本发明公开了一种高尔夫球场图的图像处理方法,包括:S1、采集待处理的第一彩色高尔夫球场图像;S2、将上述第一彩色高尔夫球场图像进行彩色分量分解,得到至少一张单分量图;S3、分别对上述至少一张单分量图进行高分辨率图像重构得到相应的至少一张重构后的单分量图;S4、将上述至少一张重构后的单分量图进行锐化处理得到相应的至少一张锐化后的单分量图;S5、将上述至少一张锐化后的单分量图进行平滑处理得到相应的至少一张平滑后的单分量图;S6、将上述至少一张平滑后的单分量图进行合成得到第二彩色高尔夫球场图像。本发明提出的图像处理方法基于图像高分辨率重构和图像细节增强的图像的处理方法能够提供更高分辨率的图像,并且图像视觉效果也更清晰。

Description

一种高尔夫球场图的图像处理方法、装置及设备 技术领域
本发明涉及图像处理技术领域,尤其是一种高尔夫球场图的图像处理方法、装置及设备。
背景技术
高尔夫球场测距和定位需要利用高尔夫球场的图像来标识距离和定位。现有高尔夫打球测距软件中一般使用卫星实景图或人工示意图。卫星实景图为高尔夫球场的测距和定位提供了直观形象的画面表达,但是由于卫星实景图所提供的图像精度有限,对于球场中的果岭、沙坑、中草、球道等区域,常出现模糊不清和视觉分辨度不高的问题。
发明内容
为此,本发明提供了一种高尔夫球场图的图像处理方法、装置及设备,以力图解决或者至少缓解上面存在的至少一个问题。

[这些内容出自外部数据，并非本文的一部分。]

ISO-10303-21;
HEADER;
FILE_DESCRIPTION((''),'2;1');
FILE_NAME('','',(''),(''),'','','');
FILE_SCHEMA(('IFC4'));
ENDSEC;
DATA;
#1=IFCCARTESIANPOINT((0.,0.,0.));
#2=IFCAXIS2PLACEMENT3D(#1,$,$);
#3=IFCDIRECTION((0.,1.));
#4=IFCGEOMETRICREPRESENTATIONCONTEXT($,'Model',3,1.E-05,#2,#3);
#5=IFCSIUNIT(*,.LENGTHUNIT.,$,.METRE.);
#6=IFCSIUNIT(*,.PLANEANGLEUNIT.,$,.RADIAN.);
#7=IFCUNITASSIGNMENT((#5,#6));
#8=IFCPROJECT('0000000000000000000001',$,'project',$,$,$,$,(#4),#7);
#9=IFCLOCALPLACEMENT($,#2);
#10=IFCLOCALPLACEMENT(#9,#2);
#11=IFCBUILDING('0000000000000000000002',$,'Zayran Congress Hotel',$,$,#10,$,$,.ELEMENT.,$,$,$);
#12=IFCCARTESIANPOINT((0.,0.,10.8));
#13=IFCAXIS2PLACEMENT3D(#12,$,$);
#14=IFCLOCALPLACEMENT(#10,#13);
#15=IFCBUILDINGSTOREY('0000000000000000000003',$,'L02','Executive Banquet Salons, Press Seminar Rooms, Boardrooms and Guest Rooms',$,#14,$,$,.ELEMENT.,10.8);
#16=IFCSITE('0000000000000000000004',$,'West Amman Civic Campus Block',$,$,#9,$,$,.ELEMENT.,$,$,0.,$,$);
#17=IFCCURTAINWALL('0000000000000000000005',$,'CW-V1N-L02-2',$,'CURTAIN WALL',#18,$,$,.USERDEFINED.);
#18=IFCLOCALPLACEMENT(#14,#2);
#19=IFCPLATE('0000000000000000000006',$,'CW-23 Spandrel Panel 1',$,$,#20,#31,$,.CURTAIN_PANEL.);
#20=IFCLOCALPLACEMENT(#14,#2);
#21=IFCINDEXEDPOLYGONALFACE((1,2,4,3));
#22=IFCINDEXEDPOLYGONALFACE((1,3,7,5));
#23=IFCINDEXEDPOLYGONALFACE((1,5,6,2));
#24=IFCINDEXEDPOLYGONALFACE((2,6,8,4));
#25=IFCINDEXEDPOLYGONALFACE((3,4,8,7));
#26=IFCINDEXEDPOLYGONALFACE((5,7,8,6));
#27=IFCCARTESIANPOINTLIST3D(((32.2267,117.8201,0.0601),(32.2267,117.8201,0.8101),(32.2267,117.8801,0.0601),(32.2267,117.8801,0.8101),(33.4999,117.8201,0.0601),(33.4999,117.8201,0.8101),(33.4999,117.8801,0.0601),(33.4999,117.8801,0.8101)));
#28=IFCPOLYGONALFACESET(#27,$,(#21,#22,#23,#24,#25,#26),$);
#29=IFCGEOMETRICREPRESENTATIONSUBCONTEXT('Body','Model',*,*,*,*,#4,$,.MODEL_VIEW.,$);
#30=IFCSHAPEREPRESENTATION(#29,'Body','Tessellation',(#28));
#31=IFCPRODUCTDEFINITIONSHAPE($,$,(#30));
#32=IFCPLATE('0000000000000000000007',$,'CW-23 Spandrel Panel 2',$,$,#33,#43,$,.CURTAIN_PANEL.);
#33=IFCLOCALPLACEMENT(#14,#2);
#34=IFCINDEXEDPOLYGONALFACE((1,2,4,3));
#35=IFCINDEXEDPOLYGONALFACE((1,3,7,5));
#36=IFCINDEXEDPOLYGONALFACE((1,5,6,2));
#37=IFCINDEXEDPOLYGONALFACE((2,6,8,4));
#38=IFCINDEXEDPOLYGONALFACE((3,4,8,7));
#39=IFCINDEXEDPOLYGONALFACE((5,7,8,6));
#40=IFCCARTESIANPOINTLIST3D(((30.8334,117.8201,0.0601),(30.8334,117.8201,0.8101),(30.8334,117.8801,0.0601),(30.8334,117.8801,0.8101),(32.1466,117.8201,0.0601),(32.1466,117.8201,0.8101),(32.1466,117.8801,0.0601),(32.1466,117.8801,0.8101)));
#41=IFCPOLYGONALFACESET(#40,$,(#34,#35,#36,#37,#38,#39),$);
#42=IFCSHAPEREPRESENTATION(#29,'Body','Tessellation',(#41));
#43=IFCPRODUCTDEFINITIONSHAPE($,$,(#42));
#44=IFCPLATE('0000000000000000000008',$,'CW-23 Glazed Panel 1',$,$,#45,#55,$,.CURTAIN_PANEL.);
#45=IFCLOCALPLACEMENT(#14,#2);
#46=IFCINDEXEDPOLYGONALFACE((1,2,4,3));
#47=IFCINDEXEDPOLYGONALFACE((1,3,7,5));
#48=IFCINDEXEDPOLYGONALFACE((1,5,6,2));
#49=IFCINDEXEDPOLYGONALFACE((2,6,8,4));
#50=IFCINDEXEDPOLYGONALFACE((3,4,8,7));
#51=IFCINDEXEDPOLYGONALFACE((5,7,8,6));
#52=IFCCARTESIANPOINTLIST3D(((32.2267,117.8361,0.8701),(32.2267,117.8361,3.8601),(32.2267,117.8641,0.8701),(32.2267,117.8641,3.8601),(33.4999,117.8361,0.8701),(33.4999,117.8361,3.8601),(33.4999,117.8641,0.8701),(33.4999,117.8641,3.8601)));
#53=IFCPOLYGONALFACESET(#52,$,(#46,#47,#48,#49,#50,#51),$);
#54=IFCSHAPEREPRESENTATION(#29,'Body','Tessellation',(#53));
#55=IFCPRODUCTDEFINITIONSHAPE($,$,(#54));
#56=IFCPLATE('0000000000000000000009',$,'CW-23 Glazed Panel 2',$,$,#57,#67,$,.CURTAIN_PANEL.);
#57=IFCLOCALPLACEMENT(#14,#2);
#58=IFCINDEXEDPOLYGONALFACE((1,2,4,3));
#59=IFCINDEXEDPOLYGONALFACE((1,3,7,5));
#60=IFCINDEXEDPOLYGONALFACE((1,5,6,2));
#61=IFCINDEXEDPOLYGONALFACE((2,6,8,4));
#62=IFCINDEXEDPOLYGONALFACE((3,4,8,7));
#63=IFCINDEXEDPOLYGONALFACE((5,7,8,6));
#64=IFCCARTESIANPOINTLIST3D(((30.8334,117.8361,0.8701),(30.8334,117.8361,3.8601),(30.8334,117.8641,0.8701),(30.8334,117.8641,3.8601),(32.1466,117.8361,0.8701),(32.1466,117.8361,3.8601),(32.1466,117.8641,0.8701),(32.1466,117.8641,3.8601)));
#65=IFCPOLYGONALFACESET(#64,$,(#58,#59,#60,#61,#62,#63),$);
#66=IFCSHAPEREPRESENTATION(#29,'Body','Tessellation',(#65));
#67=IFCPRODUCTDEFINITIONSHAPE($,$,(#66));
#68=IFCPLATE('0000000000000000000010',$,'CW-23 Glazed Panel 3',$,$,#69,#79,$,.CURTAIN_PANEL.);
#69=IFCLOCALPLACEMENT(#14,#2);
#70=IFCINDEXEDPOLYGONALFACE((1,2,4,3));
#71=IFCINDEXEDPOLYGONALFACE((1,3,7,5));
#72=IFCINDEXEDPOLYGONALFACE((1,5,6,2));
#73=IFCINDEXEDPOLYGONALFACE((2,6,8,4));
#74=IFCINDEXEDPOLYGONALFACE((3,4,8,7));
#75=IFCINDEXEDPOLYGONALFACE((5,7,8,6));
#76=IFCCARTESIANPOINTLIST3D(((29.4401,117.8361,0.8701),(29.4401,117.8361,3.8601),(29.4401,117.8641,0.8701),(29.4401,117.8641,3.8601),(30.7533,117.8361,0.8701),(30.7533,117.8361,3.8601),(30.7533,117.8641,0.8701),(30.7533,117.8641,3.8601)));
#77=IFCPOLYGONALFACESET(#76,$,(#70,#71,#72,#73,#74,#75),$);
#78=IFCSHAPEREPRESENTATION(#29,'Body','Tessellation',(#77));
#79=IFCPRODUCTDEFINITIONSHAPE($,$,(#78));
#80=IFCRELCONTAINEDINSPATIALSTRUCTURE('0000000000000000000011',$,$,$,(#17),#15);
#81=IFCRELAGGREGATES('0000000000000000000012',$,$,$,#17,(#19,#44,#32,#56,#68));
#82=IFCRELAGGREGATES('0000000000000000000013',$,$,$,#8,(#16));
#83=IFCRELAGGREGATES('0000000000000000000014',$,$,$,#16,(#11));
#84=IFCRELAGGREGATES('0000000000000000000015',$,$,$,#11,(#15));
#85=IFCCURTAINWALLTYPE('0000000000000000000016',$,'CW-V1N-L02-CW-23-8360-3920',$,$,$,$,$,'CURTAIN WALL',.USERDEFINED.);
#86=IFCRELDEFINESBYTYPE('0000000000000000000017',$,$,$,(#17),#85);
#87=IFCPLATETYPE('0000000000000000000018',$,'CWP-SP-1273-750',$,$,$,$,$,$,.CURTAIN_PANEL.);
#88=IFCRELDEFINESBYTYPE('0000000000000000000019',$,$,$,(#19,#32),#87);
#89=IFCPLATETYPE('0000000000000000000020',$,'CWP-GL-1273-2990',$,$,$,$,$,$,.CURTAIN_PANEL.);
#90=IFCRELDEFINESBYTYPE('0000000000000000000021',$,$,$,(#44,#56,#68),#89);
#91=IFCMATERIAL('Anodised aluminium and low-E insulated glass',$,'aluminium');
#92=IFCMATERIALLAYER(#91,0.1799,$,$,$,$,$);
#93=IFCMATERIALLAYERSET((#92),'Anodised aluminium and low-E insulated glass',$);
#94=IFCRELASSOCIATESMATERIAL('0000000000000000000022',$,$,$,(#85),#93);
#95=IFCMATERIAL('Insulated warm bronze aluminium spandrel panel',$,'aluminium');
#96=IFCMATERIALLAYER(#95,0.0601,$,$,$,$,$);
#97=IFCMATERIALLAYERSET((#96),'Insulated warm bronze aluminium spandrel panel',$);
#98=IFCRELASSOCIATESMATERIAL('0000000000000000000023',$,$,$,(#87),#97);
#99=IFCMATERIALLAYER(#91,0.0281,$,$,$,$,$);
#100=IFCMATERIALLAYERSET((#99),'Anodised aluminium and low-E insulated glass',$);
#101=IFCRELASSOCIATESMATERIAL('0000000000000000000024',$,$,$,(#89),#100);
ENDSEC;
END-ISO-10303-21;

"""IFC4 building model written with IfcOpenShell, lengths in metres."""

from ifc_helpers import new_model, si_unit, direction, frame, origin, origin_2d, place, context, subcontext, project, spatial, rectangle, extrude, material, layer, layer_set, type_object, element, aggregate, save


model = new_model("IFC4")

# Units and contexts
model_context = context("Model", 3, precision=1e-05, world=origin(), true_north=direction((0.0, 1.0)))
body_context = subcontext(model_context, "Body", "Model", "MODEL_VIEW")
ifc_project = project(units=[si_unit("LENGTHUNIT", "METRE"), si_unit("PLANEANGLEUNIT", "RADIAN")], contexts=[model_context])

# Site, building, storey
site_placement = place(None, origin())
site = spatial("IfcSite", under=ifc_project, at=site_placement, Name="West Amman Civic Campus Block", CompositionType="ELEMENT", RefElevation=0.0)
building_placement = place(site_placement, origin())
building = spatial("IfcBuilding", under=site, at=building_placement, Name="Zayran Congress Hotel", CompositionType="ELEMENT")
storey_placement = place(building_placement, frame((0.0, 0.0, 10.8)))
storey = spatial("IfcBuildingStorey", under=building, at=storey_placement, Name="L02", Description="Executive Banquet Salons, Press Seminar Rooms, Boardrooms and Guest Rooms", CompositionType="ELEMENT", Elevation=10.8)

# Curtain wall, plates
ifc_material_1 = material(Name="Anodised aluminium and low-E insulated glass", Category="aluminium")
ifc_layer_1 = layer(ifc_material_1, 0.1799)
ifc_layer_set_1 = layer_set([ifc_layer_1], Name="Anodised aluminium and low-E insulated glass")
curtain_wall_type = type_object("IfcCurtainWallType", Name="CW-V1N-L02-CW-23-8360-3920", ElementType="CURTAIN WALL", PredefinedType="USERDEFINED", material=ifc_layer_set_1)
curtain_wall_placement = place(storey_placement, origin())
curtain_wall = element("IfcCurtainWall", 1, at=curtain_wall_placement, inside=storey, type_object=curtain_wall_type, Name="CW-V1N-L02-2", ObjectType="CURTAIN WALL", PredefinedType="USERDEFINED")
ifc_material_2 = material(Name="Insulated warm bronze aluminium spandrel panel", Category="aluminium")
ifc_layer_2 = layer(ifc_material_2, 0.0601)
ifc_layer_set_2 = layer_set([ifc_layer_2], Name="Insulated warm bronze aluminium spandrel panel")
plate_type_1 = type_object("IfcPlateType", Name="CWP-SP-1273-750", PredefinedType="CURTAIN_PANEL", material=ifc_layer_set_2)
plate_1_placement = place(storey_placement, frame((32.8633, 117.8501, 0.0601), z_axis=(0.0, 0.0, 1.0), x_axis=(1.0, 0.0, 0.0)))
plate_1 = element("IfcPlate", 2, at=plate_1_placement, type_object=plate_type_1, Name="CW-23 Spandrel Panel 1", PredefinedType="CURTAIN_PANEL", context=body_context, shape_type="SweptSolid", body=[
    extrude(rectangle(XDim=1.2732, YDim=0.0601, at=origin_2d()), origin(), (0.0, 0.0, 1.0), 0.75),
])
plate_2_placement = place(storey_placement, frame((31.49, 117.8501, 0.0601), z_axis=(0.0, 0.0, 1.0), x_axis=(1.0, 0.0, 0.0)))
plate_2 = element("IfcPlate", 3, at=plate_2_placement, type_object=plate_type_1, Name="CW-23 Spandrel Panel 2", PredefinedType="CURTAIN_PANEL", context=body_context, shape_type="SweptSolid", body=[
    extrude(rectangle(XDim=1.3132, YDim=0.0601, at=origin_2d()), origin(), (0.0, 0.0, 1.0), 0.75),
])
ifc_layer_3 = layer(ifc_material_1, 0.0281)
ifc_layer_set_3 = layer_set([ifc_layer_3], Name="Anodised aluminium and low-E insulated glass")
plate_type_2 = type_object("IfcPlateType", Name="CWP-GL-1273-2990", PredefinedType="CURTAIN_PANEL", material=ifc_layer_set_3)
plate_3_placement = place(storey_placement, frame((32.8633, 117.8501, 0.8701), z_axis=(0.0, 0.0, 1.0), x_axis=(1.0, 0.0, 0.0)))
plate_3 = element("IfcPlate", 4, at=plate_3_placement, type_object=plate_type_2, Name="CW-23 Glazed Panel 1", PredefinedType="CURTAIN_PANEL", context=body_context, shape_type="SweptSolid", body=[
    extrude(rectangle(XDim=1.2732, YDim=0.0281, at=origin_2d()), origin(), (0.0, 0.0, 1.0), 2.99),
])
plate_4_placement = place(storey_placement, frame((31.49, 117.8501, 0.8701), z_axis=(0.0, 0.0, 1.0), x_axis=(1.0, 0.0, 0.0)))
plate_4 = element("IfcPlate", 5, at=plate_4_placement, type_object=plate_type_2, Name="CW-23 Glazed Panel 2", PredefinedType="CURTAIN_PANEL", context=body_context, shape_type="SweptSolid", body=[
    extrude(rectangle(XDim=1.3132, YDim=0.0281, at=origin_2d()), origin(), (0.0, 0.0, 1.0), 2.99),
])
plate_5_placement = place(storey_placement, frame((30.0967, 117.8501, 0.8701), z_axis=(0.0, 0.0, 1.0), x_axis=(1.0, 0.0, 0.0)))
plate_5 = element("IfcPlate", 6, at=plate_5_placement, type_object=plate_type_2, Name="CW-23 Glazed Panel 3", PredefinedType="CURTAIN_PANEL", context=body_context, shape_type="SweptSolid", body=[
    extrude(rectangle(XDim=1.3132, YDim=0.0281, at=origin_2d()), origin(), (0.0, 0.0, 1.0), 2.99),
])
aggregate(curtain_wall, [plate_1, plate_3, plate_2, plate_4, plate_5])

save(model, "model.ifc")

根据本发明的一个方面,提供了一种高尔夫球场图的图像处理方法,包括步骤:
S1、采集待处理的第一彩色高尔夫球场图像;
S2、将第一彩色高尔夫球场图像进行彩色分量分解,得到至少一张单分量图;
S3、分别对至少一张单分量图进行高分辨率图像重构得到相应的至少一张重构后的单分量图;
S4、将至少一张重构后的单分量图进行锐化处理得到相应的至少一张锐化后的单分量图;
S5、将至少一张锐化后的单分量图进行平滑处理得到相应的至少一张平滑后的单分量图;
S6、将至少一张平滑后的单分量图进行合成得到第二彩色高尔夫球场图像。
可选地,上述将上述至少一张平滑后的单分量图进行合成得到第二彩色高尔夫球场图像后还包括:
判断是否收到第一迭代指令;
若未收到上述第一迭代指令则输出上述第二彩色高尔夫球场图像,或者,
若收到上述第一迭代指令则将上述第二彩色高尔夫球场图像进行彩色分量分解,重新得到至少一张单分量图,并重复执行步骤S4至S6。
可选地,若未收到上述第一迭代指令则:
判断是否收到第二迭代指令;
若未收到上述第二迭代指令则输出上述第二彩色高尔夫球场图像,或者
若收到上述第二迭代指令则将上述第二彩色高尔夫球场图像作为新的待处理的第一彩色高尔夫球场图像并重新执行步骤S1至S6。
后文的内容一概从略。